No, I'm not thinking of another camera. I know what camera I have. The last time I took the 645 ProTL out, I had a crick in my neck after a couple of hours and it wasn't even hanging from my neck - I was carrying it like a messenger bag when I wasn't actually taking a picture. Maybe it's lighter than a Bronica or a Hasselblad, but for someone used to shooting 35mm and trying to get started in medium format, everything is going to seem heavy and beastly. Even if the 645 ProTL were the lightest on the market, it's still a large, heavy camera. The prism finder actually accounts for quite a bit of weight. I don't even use the power winder, but that also adds weight. The 80mm lens isn't so bad, but larger lenses are going to make it even bulkier. With all the bells and whistles added to it, would it really weigh significantly less than the M645?

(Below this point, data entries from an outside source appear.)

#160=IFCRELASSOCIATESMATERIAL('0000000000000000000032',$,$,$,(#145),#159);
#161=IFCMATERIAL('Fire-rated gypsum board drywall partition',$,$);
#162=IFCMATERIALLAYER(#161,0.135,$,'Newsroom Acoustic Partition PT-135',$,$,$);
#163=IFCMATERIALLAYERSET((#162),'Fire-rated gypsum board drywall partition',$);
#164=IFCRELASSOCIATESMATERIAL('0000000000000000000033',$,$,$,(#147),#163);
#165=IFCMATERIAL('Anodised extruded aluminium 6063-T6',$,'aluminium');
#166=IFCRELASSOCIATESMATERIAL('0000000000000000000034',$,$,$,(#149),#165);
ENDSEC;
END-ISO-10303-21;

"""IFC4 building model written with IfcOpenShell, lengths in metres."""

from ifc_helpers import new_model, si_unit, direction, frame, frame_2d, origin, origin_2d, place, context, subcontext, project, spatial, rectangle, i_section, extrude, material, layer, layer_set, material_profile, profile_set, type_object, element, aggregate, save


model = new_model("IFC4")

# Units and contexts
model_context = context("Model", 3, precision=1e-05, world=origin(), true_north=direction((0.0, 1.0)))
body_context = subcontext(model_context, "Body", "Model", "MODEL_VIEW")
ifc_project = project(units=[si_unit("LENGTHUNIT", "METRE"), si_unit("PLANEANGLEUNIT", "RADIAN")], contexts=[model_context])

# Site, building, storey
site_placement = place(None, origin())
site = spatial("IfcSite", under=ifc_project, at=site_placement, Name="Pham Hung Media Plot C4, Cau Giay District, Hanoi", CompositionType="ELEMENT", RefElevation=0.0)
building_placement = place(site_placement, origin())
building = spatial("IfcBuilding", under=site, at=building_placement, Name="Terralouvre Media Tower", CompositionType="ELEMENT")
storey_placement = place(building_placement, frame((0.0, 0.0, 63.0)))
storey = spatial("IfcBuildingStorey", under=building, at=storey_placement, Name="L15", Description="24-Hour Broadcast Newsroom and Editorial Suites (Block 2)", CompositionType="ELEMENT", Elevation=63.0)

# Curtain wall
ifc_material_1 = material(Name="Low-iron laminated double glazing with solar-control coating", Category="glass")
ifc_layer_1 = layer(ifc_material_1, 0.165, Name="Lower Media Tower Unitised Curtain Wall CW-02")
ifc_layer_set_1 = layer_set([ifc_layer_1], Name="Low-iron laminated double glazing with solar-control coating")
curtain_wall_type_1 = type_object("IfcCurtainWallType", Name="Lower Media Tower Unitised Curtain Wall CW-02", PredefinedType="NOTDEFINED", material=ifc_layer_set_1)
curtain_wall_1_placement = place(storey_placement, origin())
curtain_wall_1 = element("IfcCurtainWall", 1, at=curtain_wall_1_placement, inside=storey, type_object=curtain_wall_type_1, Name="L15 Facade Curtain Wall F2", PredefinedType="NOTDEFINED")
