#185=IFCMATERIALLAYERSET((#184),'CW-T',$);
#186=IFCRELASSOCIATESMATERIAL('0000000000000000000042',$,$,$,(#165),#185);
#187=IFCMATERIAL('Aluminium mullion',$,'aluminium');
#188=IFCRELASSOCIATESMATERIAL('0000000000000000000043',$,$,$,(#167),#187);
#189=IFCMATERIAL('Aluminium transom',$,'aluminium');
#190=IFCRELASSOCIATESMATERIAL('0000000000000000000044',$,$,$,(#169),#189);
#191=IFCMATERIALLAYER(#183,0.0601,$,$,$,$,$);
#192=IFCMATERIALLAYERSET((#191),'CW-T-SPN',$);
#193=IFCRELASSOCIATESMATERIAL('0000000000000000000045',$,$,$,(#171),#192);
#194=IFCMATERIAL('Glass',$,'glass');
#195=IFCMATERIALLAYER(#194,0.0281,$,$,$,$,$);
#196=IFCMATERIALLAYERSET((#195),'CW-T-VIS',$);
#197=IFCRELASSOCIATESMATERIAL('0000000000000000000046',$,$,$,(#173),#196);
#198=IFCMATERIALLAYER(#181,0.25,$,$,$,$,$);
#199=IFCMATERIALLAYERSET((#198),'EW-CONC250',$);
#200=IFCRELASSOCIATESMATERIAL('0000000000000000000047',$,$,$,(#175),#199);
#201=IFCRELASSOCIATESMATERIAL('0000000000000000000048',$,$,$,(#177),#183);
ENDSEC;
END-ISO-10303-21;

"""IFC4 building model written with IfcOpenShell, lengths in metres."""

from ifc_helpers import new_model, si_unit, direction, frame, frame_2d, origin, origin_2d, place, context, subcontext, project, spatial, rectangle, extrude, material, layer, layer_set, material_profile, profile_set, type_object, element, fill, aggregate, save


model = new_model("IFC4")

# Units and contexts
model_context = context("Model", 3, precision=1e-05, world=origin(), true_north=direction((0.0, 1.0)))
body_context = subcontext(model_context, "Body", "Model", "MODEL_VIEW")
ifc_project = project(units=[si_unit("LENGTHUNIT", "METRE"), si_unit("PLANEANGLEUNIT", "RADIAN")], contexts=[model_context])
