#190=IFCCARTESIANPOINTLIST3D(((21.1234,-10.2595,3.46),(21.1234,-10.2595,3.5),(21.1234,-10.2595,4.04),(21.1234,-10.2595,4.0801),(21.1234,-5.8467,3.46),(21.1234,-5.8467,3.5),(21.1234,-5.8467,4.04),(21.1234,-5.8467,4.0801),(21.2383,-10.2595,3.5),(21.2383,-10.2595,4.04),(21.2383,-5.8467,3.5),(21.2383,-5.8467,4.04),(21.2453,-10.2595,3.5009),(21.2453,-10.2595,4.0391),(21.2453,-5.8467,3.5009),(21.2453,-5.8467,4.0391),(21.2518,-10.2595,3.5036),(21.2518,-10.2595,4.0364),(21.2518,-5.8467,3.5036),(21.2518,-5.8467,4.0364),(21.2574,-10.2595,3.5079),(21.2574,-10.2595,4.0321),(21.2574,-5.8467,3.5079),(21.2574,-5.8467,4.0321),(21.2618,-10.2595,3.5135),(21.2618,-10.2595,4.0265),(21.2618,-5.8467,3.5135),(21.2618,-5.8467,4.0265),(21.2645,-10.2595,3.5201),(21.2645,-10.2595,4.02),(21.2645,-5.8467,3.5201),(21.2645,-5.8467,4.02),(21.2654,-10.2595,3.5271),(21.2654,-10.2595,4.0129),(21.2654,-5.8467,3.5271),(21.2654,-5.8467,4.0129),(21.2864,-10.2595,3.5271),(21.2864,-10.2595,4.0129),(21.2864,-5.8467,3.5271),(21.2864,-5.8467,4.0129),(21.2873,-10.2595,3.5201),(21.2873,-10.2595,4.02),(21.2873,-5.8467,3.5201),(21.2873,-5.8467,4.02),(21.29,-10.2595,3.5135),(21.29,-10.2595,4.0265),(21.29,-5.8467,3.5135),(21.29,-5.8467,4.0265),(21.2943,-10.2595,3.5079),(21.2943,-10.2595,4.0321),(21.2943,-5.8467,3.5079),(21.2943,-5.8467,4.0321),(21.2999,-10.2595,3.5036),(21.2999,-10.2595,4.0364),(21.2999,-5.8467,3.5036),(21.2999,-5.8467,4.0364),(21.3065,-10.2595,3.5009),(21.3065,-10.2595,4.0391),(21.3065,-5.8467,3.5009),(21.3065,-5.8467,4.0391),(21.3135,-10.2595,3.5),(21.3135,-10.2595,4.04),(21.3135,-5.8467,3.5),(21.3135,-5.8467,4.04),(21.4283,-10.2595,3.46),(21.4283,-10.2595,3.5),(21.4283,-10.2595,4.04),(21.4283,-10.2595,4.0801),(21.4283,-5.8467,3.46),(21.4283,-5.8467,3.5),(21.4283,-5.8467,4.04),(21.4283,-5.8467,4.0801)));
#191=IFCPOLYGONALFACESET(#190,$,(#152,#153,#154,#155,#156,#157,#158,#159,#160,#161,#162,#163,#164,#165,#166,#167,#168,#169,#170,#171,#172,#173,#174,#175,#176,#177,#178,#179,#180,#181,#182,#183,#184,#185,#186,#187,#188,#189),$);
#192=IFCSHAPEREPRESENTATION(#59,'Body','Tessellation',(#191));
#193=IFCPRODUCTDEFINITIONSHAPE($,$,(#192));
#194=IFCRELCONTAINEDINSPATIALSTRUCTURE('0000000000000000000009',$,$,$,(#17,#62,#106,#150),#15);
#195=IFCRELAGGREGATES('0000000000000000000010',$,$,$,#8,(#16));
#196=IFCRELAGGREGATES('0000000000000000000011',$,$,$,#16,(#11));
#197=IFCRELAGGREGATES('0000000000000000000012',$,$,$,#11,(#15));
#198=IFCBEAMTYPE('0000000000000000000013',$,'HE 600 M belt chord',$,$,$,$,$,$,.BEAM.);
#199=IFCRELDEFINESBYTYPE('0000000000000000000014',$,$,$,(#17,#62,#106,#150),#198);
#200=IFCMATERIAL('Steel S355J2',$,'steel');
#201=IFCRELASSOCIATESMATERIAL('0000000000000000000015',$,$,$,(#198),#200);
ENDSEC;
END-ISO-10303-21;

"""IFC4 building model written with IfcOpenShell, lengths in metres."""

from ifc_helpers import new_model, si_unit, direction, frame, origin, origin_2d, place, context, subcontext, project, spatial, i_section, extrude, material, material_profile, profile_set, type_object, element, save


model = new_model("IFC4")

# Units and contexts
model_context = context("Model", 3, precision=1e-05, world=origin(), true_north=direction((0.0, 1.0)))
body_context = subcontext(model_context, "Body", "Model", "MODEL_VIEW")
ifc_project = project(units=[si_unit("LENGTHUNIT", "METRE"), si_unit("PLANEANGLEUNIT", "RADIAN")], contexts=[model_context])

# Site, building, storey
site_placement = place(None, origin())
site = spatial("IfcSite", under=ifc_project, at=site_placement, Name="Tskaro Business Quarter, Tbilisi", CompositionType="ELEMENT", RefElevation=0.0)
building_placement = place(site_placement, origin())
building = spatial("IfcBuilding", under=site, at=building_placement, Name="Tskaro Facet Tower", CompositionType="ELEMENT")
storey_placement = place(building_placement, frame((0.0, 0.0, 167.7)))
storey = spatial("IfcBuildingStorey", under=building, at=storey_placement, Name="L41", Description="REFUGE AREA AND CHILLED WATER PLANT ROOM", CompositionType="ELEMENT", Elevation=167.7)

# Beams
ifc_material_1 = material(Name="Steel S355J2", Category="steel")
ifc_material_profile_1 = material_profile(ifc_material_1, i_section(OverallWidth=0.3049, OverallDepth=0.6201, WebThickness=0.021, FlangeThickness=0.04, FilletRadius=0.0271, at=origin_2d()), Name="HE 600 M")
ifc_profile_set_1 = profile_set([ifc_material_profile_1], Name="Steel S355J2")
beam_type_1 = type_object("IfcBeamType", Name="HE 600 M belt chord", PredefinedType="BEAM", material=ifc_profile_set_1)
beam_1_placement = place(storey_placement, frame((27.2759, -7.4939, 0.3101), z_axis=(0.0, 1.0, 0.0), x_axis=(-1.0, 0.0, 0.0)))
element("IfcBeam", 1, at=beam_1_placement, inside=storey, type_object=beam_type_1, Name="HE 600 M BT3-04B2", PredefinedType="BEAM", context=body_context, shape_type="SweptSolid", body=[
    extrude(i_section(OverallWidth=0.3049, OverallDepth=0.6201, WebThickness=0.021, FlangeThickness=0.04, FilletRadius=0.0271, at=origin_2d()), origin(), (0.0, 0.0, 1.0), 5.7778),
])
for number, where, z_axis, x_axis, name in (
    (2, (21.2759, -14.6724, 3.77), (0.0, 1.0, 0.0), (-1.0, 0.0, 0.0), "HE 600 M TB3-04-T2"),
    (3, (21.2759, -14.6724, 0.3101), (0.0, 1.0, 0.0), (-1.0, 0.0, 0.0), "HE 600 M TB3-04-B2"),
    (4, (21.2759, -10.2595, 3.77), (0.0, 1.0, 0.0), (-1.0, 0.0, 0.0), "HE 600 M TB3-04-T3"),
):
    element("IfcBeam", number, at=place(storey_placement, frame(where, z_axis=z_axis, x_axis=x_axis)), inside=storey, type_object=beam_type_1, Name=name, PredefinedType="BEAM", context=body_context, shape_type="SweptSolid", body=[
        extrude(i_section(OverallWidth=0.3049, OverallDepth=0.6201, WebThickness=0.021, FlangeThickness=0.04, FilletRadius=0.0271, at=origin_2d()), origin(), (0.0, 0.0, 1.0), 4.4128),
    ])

I just don't see why it's necessary to get so complicated with a camera for someone just wanting to ease into medium format. So yes, dsiglin, I think the Lubitel would be a good way to test the waters and see if you want to stick with the format. It's very lightweight, a good one can be had for less than $100 (mine was $60 and it was ready to go. There's a guy in NYC that buys them, cleans them up, and resells. He's got a couple of Lubitels now: - Medium Format: Other, Fedka.com) And as I said, you'd be surprised at how good the pictures are out of something made out of plastic.

I own the Mamiya quite honestly because it was a gift from some students a few years back. They worked for Mamiya and they built me a camera because they saw my pictures, thought they were very good, and wanted me to have a medium format so I could push my skills further. I wouldn't give it up and I do really like it, but I also recognize that I probably wasn't ready for it. It was too much. And part of that was because it is not the easiest camera to just take out and shoot, so I didn't do it that often, thus not getting a lot of practice with it. I "downgraded" to the Lubitel and that's when medium-format really started making more sense to me. As I said, this got me more prepared to shoot with something like the 645 ProTL.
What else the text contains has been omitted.